Конечно, не один «его» костюм (то есть не одна лишь внешняя маска) порождал идеи его произведений. И это свидетельствовал сам Чаплин. В другом месте автобиографии он отмечал: «Меня часто спрашивали, как возникал замысел того или иного фильма. Я и сейчас не могу исчерпывающе ответить на этот вопрос. С годами я понял, что идеи приходят, когда их страстно ищешь, когда сознание превращается в чувствительный аппарат, готовый зафиксировать любой толчок, пробуждающий фантазию, — тогда и музыка и закат могут подсказать какую-то идею».

Чуть обстоятельнее писал Чаплин об искусстве игры актера, которое «определяется его раскованностью, полным освобождением. Этот основной принцип приложим ко всему искусству, но актер особенно должен уметь владеть собой, внутренне себя сдерживать… Внешне актер может быть очень взволнован, но мастер внутри актера полностью владеет собой, и добиться этого можно лишь путем полного освобождения».

Каждая школа актерской игры, продолжал он далее, имеет свои достоинства. «Станиславский, например, стремился к «внутренней правде», что, как я понимаю, означает — «быть им», вместо того чтобы «играть его». А это требует проникновения в образ: актер должен побывать в шкуре льва или орла, должен обладать способностью почувствовать душу образа и точно знать, как он должен реагировать на любое конкретное обстоятельство. Научить этому нельзя».

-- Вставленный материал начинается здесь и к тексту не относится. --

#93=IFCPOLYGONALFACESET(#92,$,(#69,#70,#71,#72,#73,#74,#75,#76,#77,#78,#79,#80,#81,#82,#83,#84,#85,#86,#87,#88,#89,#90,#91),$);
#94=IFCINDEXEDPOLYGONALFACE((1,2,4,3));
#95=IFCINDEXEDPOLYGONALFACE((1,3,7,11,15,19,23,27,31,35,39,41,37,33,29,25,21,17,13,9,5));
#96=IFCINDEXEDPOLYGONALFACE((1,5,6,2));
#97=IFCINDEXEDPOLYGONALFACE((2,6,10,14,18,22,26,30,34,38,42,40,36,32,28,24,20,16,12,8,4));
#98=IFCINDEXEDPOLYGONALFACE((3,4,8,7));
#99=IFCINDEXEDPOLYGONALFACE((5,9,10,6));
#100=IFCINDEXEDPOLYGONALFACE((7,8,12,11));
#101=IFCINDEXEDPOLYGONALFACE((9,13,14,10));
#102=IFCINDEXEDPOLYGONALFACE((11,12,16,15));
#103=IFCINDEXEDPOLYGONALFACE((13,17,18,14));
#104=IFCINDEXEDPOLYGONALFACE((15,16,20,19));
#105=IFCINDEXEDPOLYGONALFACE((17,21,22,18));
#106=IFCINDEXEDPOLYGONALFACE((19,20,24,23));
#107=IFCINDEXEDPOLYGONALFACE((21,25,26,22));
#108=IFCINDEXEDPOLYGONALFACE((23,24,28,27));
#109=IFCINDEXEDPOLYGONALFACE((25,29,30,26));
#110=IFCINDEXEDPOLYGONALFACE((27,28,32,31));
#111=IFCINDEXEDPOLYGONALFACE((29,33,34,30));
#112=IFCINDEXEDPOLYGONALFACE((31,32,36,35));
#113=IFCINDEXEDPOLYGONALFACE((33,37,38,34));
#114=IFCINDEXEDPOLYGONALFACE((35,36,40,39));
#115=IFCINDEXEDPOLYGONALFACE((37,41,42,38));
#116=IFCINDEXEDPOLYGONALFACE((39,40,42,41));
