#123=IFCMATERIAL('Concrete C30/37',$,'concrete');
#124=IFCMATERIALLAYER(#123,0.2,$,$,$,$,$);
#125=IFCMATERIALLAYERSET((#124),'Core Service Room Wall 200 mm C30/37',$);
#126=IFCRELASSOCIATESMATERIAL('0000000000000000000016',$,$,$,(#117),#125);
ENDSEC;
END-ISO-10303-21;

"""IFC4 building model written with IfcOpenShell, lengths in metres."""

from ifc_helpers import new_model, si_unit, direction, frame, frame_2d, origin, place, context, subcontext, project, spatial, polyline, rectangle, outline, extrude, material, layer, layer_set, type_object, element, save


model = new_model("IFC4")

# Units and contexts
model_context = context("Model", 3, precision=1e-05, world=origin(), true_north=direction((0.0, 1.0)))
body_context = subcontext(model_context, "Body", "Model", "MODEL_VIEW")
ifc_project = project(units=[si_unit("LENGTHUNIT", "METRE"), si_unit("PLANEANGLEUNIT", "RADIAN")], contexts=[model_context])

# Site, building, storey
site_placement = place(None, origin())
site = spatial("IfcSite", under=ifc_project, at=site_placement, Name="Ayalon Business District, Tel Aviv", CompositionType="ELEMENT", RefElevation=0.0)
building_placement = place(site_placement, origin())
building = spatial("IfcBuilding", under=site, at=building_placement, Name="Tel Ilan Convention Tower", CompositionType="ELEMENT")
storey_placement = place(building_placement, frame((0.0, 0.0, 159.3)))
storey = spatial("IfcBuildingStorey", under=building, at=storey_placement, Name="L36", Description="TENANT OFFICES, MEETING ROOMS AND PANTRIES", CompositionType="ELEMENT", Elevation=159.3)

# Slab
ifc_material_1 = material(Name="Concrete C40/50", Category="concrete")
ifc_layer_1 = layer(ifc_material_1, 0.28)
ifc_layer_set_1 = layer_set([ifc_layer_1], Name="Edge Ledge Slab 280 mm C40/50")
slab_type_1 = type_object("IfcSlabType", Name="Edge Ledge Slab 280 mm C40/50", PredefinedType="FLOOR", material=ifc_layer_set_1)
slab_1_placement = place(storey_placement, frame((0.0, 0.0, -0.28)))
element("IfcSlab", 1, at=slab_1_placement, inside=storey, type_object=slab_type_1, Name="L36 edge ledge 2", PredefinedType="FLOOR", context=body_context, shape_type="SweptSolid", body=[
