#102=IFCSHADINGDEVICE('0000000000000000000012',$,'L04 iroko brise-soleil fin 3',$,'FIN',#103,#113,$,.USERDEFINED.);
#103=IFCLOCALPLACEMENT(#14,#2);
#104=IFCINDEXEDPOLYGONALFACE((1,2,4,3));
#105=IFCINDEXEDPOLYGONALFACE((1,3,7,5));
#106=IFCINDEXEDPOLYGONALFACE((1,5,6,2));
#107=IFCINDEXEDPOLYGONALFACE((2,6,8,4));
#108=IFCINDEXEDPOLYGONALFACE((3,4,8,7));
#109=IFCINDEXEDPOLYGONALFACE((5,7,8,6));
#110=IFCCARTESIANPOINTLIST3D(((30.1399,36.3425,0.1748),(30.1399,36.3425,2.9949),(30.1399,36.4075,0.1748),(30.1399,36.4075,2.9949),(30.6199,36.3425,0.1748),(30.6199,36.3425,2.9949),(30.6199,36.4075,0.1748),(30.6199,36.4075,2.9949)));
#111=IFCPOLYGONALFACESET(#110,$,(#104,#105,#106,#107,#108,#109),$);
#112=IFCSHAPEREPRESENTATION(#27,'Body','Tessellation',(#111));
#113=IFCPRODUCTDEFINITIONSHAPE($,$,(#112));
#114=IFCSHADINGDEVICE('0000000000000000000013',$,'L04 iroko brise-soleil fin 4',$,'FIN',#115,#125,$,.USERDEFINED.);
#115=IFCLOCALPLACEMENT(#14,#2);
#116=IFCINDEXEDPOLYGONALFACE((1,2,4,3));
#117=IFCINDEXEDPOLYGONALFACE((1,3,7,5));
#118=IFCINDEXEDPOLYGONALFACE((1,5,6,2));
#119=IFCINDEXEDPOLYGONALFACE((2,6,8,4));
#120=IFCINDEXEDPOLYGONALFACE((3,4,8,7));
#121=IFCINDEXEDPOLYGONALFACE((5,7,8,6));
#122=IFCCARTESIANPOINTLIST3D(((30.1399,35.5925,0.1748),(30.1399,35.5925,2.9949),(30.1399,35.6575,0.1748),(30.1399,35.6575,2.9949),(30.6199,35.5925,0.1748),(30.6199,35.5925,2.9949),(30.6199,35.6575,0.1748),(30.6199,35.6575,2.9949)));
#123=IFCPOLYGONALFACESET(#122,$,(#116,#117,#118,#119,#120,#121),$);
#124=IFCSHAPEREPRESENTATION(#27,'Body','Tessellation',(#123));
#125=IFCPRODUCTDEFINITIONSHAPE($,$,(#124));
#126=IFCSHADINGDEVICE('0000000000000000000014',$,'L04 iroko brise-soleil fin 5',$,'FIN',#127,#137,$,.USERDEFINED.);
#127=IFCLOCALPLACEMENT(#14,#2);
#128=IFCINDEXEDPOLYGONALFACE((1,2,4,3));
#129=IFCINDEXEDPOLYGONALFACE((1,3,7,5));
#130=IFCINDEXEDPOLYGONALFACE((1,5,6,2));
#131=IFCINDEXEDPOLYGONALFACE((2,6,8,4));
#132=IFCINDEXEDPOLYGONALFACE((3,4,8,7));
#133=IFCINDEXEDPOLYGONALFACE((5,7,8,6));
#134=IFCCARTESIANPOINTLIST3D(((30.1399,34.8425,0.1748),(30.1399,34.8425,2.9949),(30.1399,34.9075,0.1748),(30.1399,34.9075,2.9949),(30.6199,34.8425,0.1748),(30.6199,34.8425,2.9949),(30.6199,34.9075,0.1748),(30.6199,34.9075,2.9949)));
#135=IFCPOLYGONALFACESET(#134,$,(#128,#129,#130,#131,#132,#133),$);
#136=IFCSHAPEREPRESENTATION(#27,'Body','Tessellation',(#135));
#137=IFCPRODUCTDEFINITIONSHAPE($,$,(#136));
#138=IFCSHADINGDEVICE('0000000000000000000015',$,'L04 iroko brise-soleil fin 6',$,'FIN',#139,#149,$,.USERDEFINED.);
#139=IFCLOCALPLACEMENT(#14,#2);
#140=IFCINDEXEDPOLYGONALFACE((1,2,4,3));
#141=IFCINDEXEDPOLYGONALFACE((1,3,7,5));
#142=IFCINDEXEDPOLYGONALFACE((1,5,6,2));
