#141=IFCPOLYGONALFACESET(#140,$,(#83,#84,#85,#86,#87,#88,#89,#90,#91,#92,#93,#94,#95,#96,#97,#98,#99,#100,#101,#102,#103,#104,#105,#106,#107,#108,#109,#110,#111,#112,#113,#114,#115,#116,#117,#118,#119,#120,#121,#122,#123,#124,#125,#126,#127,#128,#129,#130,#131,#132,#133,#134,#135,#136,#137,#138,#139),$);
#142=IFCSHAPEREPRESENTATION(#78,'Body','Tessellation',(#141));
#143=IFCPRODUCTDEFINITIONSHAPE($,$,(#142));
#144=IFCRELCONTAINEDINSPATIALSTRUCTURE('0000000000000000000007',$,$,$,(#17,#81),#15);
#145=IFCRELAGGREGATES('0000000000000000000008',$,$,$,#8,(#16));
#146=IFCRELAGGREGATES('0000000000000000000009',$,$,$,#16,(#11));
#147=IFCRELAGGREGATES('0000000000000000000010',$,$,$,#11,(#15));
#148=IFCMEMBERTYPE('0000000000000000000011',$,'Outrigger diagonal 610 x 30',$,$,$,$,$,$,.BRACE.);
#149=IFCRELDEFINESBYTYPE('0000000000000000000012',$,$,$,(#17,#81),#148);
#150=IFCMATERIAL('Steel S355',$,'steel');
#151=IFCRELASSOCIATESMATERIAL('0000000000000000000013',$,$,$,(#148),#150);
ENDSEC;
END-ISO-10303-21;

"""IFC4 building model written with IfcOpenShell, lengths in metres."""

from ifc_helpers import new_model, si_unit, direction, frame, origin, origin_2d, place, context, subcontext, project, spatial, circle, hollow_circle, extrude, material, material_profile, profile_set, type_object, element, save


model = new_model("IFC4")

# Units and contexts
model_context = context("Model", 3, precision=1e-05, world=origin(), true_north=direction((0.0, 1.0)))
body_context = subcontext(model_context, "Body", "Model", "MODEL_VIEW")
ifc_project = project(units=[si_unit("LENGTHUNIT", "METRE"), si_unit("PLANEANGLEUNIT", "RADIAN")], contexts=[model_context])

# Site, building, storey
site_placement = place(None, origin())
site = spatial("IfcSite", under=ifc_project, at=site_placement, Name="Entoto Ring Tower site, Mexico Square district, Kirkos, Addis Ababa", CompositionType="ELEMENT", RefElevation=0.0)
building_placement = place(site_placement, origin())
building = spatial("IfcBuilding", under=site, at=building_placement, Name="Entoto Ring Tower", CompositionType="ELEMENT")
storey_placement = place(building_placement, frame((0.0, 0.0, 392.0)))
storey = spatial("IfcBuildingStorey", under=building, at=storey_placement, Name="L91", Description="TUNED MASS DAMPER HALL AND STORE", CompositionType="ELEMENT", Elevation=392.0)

Против всего сказанного нечего возразить, кроме последнего утверждения. Научить можно всему, нельзя научить только таланту — с ним человек рождается.

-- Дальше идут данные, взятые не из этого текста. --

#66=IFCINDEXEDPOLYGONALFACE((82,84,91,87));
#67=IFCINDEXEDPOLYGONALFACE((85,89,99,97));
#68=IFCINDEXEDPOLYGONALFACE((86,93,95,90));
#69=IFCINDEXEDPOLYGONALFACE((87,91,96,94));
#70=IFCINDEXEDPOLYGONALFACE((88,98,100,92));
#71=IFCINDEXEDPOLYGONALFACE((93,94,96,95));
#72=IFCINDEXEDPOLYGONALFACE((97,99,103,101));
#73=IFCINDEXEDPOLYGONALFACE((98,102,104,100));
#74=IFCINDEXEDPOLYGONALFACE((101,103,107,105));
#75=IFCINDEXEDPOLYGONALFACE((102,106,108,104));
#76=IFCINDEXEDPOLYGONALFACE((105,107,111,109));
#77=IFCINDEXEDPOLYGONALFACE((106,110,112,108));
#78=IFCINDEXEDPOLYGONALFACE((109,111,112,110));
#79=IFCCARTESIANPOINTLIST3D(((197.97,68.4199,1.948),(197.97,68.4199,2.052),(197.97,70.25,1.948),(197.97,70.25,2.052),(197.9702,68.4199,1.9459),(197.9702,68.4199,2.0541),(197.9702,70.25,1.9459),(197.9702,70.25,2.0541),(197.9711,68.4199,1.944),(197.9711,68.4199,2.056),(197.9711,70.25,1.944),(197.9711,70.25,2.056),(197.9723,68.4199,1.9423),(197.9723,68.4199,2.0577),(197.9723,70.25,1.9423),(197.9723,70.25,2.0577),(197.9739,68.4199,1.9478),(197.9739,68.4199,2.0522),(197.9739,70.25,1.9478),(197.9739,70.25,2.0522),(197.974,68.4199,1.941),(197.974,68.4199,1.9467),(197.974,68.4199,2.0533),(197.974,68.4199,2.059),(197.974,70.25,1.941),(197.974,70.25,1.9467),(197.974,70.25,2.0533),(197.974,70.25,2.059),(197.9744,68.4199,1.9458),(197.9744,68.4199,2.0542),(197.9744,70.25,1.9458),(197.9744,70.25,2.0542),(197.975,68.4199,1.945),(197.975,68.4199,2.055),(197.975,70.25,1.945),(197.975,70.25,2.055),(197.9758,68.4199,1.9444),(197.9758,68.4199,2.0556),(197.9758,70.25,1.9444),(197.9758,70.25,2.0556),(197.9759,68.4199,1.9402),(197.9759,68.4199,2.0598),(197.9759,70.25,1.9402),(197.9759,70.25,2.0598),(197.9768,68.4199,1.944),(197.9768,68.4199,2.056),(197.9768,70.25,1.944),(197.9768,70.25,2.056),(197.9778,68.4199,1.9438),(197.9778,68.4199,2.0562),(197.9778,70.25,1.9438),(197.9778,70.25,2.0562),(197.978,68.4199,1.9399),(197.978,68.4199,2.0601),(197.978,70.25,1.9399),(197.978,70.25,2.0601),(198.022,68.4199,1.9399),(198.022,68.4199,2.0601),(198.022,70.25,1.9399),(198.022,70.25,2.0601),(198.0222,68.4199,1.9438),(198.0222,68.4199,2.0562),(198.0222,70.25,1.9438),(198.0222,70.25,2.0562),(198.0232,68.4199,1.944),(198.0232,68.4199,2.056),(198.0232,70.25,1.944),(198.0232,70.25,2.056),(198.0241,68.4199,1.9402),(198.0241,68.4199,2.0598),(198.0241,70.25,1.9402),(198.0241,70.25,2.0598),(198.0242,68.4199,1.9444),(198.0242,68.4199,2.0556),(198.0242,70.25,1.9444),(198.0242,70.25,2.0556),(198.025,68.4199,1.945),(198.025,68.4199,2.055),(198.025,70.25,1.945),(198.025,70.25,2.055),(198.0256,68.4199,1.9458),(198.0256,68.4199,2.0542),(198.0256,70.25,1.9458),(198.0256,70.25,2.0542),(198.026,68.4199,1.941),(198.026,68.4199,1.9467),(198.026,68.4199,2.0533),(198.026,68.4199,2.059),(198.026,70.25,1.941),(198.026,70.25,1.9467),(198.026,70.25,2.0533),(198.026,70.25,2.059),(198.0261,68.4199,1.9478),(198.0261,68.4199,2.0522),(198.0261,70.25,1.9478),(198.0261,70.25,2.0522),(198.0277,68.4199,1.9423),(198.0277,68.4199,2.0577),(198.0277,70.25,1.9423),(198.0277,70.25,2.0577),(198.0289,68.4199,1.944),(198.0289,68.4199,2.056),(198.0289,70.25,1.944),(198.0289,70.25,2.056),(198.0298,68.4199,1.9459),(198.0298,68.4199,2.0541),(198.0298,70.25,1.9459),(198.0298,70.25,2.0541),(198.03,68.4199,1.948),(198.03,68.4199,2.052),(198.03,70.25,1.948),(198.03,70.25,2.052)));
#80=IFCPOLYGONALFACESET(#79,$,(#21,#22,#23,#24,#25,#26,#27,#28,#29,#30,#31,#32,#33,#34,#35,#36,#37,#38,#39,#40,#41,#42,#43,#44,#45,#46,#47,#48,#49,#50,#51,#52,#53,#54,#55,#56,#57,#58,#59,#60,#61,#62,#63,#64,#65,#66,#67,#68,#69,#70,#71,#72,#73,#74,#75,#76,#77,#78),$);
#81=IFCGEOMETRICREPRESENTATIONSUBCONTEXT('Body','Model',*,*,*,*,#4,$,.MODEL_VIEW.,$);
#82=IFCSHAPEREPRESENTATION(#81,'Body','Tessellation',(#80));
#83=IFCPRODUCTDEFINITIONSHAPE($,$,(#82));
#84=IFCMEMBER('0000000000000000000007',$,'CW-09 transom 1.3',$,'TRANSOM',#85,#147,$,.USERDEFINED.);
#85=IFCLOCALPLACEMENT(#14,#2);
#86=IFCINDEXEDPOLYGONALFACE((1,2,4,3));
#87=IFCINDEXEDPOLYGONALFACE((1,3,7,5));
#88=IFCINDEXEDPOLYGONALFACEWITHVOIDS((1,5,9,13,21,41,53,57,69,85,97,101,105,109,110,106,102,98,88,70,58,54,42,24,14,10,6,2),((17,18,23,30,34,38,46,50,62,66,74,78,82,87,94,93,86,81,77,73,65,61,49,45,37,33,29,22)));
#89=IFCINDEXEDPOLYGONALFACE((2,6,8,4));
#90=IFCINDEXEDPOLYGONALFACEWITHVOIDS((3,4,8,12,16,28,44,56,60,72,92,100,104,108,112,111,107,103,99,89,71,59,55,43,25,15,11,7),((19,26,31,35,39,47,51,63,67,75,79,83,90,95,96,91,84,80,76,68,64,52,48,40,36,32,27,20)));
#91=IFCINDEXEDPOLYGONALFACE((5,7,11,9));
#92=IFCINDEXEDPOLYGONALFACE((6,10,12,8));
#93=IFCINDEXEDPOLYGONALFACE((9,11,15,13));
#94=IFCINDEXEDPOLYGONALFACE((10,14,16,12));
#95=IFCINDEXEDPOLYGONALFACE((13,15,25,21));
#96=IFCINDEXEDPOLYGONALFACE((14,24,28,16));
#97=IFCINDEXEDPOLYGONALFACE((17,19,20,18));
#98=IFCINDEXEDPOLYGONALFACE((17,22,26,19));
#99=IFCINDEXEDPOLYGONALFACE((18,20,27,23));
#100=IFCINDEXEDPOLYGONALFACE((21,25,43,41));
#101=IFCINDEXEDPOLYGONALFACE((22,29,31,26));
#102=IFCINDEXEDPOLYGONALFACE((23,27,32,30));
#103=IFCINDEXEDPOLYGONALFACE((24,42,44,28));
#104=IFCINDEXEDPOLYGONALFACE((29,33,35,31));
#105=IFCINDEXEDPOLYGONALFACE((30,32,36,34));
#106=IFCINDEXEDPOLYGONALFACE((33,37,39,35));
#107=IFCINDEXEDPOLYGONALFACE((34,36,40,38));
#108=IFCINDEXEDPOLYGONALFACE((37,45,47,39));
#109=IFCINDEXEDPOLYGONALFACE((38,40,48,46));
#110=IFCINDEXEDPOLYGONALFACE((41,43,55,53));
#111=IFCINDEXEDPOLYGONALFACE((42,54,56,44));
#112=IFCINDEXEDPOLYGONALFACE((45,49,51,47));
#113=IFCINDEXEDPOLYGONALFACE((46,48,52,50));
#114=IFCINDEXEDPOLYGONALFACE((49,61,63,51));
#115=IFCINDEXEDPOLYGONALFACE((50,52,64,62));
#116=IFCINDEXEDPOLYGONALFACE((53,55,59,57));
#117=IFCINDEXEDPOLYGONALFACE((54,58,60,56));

Чаплин преклонялся перед талантом балерины Анны Павловой. «Для меня она олицетворяла трагедию совершенства в искусстве». Но почему совершенство в искусстве, то есть прекрасное, Чаплину представлялось трагичным? Косвенно ответ на этот вопрос содержался в контексте книги: окружавший Чаплина мир отличался обилием пустой мишуры, пошлости, лицемерия, несправедливостей, страданий, беспрестанных унижений человеческого достоинства. В Голливуде господствовали магнаты капитала, бизнесмены и их ставленники, а на экране — супермены.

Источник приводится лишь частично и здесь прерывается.